Si en un principio, cuando se desveló el secreto, se interpretaba que se refería a tiempos pasados, sin embargo, cuando el entonces Papa Benedicto XVI visitó Fátima, afirmó que su mensaje no se refería sólo al pasado, sino también al presente y al futuro.

 

Respecto a las apariciones de la Virgen en Akita (Japón), éstas fueron aprobadas por el obispo local de entonces y también por el entonces prefecto de la Congregación de la Fe, Joseph Ratzinger (luego Papa Benedicto XVI), que afirmó que eran dignas de fe y continuación de las de Fátima. En 1975 una imagen de la Virgen lloró 101 veces ante 500 testigos, cristianos y no cristianos, entre ellos el alcalde budista de la villa de Akita. La Virgen nos dijo que la causa de su tristeza, de sus lágrimas es “pensar en la pérdida de tantas almas” “Si los hombres no se arrepienten y se mejoran, el Padre infligirá un terrible castigo a toda la humanidad (…) fuego caerá del cielo (y afectará) tanto a buenos como malos, sin exceptuar a sacerdotes y fieles” Y la Virgen comunica a Sor Agnés Sasawa: “Reza mucho la oración del Rosario. Sólo Yo puedo salvarles de las calamidades que se acercan.

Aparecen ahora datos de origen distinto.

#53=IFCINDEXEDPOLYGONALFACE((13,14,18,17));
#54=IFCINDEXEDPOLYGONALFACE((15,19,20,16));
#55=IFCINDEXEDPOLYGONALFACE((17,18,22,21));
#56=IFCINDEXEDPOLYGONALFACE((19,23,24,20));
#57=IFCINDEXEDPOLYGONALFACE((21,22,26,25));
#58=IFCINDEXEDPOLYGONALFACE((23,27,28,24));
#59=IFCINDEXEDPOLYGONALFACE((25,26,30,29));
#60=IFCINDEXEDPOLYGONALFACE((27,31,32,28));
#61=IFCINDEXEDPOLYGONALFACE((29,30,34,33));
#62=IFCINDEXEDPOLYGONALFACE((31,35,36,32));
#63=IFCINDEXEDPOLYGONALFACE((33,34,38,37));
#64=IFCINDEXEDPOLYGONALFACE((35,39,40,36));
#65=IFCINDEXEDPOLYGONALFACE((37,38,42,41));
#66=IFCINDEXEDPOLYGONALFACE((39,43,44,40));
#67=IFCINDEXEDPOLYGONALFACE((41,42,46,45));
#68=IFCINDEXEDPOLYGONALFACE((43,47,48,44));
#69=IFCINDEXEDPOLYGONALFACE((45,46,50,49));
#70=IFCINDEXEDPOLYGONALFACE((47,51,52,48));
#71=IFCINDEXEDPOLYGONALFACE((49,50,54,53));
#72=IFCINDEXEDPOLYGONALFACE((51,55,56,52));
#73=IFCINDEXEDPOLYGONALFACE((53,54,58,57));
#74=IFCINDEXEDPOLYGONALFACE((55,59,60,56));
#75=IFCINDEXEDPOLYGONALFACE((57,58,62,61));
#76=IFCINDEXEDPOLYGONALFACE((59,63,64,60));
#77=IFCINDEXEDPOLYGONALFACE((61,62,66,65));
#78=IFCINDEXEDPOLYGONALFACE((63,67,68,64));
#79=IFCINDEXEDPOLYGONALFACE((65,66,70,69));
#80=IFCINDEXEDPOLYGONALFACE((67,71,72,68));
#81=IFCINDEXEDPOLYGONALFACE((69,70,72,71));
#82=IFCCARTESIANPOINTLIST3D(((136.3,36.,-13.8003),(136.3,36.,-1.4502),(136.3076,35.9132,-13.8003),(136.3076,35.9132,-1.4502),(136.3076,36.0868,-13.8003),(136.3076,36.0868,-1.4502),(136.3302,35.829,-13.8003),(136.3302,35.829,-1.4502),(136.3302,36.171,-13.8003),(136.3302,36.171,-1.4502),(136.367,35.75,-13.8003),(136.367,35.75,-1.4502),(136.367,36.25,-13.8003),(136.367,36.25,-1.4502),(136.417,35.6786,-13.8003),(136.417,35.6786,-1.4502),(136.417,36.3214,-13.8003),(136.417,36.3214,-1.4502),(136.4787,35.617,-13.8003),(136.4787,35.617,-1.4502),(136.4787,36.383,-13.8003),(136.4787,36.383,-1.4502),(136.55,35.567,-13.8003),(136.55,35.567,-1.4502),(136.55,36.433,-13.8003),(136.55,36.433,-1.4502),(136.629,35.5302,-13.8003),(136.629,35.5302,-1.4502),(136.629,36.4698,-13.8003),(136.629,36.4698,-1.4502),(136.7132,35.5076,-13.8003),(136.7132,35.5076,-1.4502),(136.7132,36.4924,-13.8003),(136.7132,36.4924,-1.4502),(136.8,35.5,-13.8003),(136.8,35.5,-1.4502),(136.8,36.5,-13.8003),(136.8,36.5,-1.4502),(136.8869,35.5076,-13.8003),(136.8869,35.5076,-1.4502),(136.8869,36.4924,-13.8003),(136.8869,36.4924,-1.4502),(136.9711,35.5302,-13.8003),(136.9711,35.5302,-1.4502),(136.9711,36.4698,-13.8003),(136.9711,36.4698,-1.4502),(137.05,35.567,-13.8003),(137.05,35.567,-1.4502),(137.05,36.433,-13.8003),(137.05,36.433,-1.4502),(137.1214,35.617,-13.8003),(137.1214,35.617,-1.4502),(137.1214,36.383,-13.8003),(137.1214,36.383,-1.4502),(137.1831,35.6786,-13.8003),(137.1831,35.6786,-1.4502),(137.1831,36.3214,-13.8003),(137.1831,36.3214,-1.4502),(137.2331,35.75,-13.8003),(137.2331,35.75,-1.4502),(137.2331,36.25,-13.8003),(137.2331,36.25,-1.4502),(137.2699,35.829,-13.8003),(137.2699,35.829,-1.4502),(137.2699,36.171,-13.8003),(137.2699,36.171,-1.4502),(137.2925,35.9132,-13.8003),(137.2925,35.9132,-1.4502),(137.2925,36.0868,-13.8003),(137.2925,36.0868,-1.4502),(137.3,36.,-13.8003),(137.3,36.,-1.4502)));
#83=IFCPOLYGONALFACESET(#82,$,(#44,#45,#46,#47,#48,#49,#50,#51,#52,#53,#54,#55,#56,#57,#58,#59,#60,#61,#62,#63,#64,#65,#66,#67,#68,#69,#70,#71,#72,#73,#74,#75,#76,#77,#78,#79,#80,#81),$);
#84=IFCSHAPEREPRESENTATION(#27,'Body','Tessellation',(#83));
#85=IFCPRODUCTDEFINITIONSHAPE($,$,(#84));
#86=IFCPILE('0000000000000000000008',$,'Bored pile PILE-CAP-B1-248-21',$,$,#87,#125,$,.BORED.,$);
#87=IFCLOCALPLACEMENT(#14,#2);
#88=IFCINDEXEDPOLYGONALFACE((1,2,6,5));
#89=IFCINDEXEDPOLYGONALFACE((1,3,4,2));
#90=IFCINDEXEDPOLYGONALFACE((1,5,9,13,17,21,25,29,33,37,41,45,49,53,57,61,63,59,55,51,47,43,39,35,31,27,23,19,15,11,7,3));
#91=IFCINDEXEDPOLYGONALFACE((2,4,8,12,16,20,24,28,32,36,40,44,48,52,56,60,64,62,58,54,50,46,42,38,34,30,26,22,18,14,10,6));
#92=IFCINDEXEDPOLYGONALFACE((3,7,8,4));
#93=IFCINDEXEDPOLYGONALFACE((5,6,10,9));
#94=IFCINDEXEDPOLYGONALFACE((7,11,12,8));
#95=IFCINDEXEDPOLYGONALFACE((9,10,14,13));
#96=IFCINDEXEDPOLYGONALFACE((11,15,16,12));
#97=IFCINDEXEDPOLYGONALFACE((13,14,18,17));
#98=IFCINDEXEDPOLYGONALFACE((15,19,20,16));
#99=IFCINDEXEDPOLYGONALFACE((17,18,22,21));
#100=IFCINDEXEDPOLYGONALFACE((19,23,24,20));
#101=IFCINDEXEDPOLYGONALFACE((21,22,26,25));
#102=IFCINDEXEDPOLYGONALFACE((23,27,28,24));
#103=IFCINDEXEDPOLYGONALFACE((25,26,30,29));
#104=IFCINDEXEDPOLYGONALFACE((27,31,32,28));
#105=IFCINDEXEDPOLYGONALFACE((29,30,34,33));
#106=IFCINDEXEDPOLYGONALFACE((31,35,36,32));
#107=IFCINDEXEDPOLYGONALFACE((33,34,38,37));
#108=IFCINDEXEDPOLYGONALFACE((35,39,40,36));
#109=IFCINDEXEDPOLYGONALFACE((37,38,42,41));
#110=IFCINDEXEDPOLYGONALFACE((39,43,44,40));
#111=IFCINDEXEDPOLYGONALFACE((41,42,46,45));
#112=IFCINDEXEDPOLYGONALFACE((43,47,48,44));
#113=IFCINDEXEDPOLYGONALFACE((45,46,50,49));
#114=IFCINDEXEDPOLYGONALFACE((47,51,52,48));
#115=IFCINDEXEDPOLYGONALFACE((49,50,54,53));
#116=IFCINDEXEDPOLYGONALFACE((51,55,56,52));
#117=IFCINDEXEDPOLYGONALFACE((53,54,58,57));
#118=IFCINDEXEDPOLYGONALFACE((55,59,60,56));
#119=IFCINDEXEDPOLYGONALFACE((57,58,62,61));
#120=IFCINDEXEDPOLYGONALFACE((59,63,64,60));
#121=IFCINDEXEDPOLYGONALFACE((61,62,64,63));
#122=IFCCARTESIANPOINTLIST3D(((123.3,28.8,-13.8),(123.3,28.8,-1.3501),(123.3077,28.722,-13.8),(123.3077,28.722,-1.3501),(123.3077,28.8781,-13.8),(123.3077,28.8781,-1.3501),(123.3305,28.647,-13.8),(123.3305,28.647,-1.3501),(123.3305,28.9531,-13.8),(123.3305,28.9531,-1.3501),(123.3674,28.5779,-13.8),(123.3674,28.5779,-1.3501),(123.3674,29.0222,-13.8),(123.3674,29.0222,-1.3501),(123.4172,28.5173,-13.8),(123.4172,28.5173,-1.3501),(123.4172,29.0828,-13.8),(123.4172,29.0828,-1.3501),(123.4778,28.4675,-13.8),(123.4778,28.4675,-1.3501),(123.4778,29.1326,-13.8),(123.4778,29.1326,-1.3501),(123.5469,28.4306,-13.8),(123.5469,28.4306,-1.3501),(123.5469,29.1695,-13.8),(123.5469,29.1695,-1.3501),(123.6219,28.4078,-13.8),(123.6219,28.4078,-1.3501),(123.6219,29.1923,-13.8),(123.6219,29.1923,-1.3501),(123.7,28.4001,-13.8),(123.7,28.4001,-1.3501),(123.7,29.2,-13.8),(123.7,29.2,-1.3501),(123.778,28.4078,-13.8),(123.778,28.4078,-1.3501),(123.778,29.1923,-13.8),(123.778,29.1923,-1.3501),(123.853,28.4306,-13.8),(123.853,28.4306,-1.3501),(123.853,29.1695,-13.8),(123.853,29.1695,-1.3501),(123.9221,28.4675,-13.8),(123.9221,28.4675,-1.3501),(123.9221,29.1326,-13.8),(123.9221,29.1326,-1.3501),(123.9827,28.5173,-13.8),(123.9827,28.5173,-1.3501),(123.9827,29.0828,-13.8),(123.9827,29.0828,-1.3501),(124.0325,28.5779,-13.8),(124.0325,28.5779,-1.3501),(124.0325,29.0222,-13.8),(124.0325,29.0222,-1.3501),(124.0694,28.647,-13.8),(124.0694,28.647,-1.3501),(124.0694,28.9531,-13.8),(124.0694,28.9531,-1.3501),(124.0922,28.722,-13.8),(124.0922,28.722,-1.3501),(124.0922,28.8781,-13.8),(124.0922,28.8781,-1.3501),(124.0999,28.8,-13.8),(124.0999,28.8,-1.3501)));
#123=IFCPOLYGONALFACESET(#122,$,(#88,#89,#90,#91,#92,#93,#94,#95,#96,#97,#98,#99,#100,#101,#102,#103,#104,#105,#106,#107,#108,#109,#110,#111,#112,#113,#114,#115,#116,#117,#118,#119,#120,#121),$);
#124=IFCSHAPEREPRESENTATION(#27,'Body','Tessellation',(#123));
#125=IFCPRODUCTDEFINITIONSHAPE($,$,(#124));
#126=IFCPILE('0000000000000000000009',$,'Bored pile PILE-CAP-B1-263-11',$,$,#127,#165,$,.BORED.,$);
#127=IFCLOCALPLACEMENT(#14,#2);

Aquéllos que ponen su confianza en mí se salvarán”.

 
Tanto el santo Papa Juan Pablo II, como las apariciones citadas nos exhortan a la oración, especialmente el Rosario, y a la penitencia y conversión.

 

Y ya sea tribulación o castigo, hemos de tener presente que el Señor “es tardo a la cólera y rico en piedad” y que antes de desatar su indignación advierte suavemente: “(…) a los enemigos de tus hijos y reos de muerte los castigaste con tantos miramientos e indulgencia, dándoles tiempo y espacio de arrepentirse de su maldad (…)” (Sab 12, 20)

 

Y si nos alarman las pruebas que Dios permite en nuestros días, tengamos presente lo que nos dice un libro piadoso: “Si mis manos os han herido, ha sido por amor, por despertaros del sueño morboso en que habíais caído y en el que, sin duda, pereceréis de continuar en él”.

 

E incluso en pruebas duras, aun en castigos, la misericordia de Dios nunca está lejana ni ociosa, y Dios quiere que nos acojamos a ella, como el Buen Ladrón que sometido a terrible suplicio clamó al Señor con arrepentimiento sincero y pudo oír las más dulces palabras: “Hoy estarás Conmigo en el Paraíso”.

 

Y si pensamos que nuestra fe es demasiado débil para afrontar estos tiempos críticos que se presagian, siempre tenemos la posibilidad de pedir al Señor “la Fe de los mártires”. Ya sea que nos toque un martirio cruento, ya sea el no menor martirio de la cruz de la vida y de cada día.

 

Y para personas a las que cuesta aceptar que Dios se comporte como Dios y piensan que cómo es posible que permita cosas duras, y se ven tentados a juzgarlo, terminemos con unas luminosas palabras de Juan Pablo II: “Hombre, tú que juzgas a Dios, que le ordenas que se justifique ante tu tribunal, mira si no eres tú responsable de la muerte de este Condenado, si el juicio contra Dios no es en realidad un juicio contra ti mismo. Reflexiona y juzga si este juicio y su resultado – la Cruz y luego la Resurrección – no son para ti, el único camino de salvación” (San Juan Pablo II, p. 83 de “Cruzando el umbral de la Esperanza”).

 

No olvidemos que nuestro Dios ha querido templar su justicia con una aun mayor misericordia: que ha muerto en la cruz por cada uno de nosotros, para darnos vida eterna.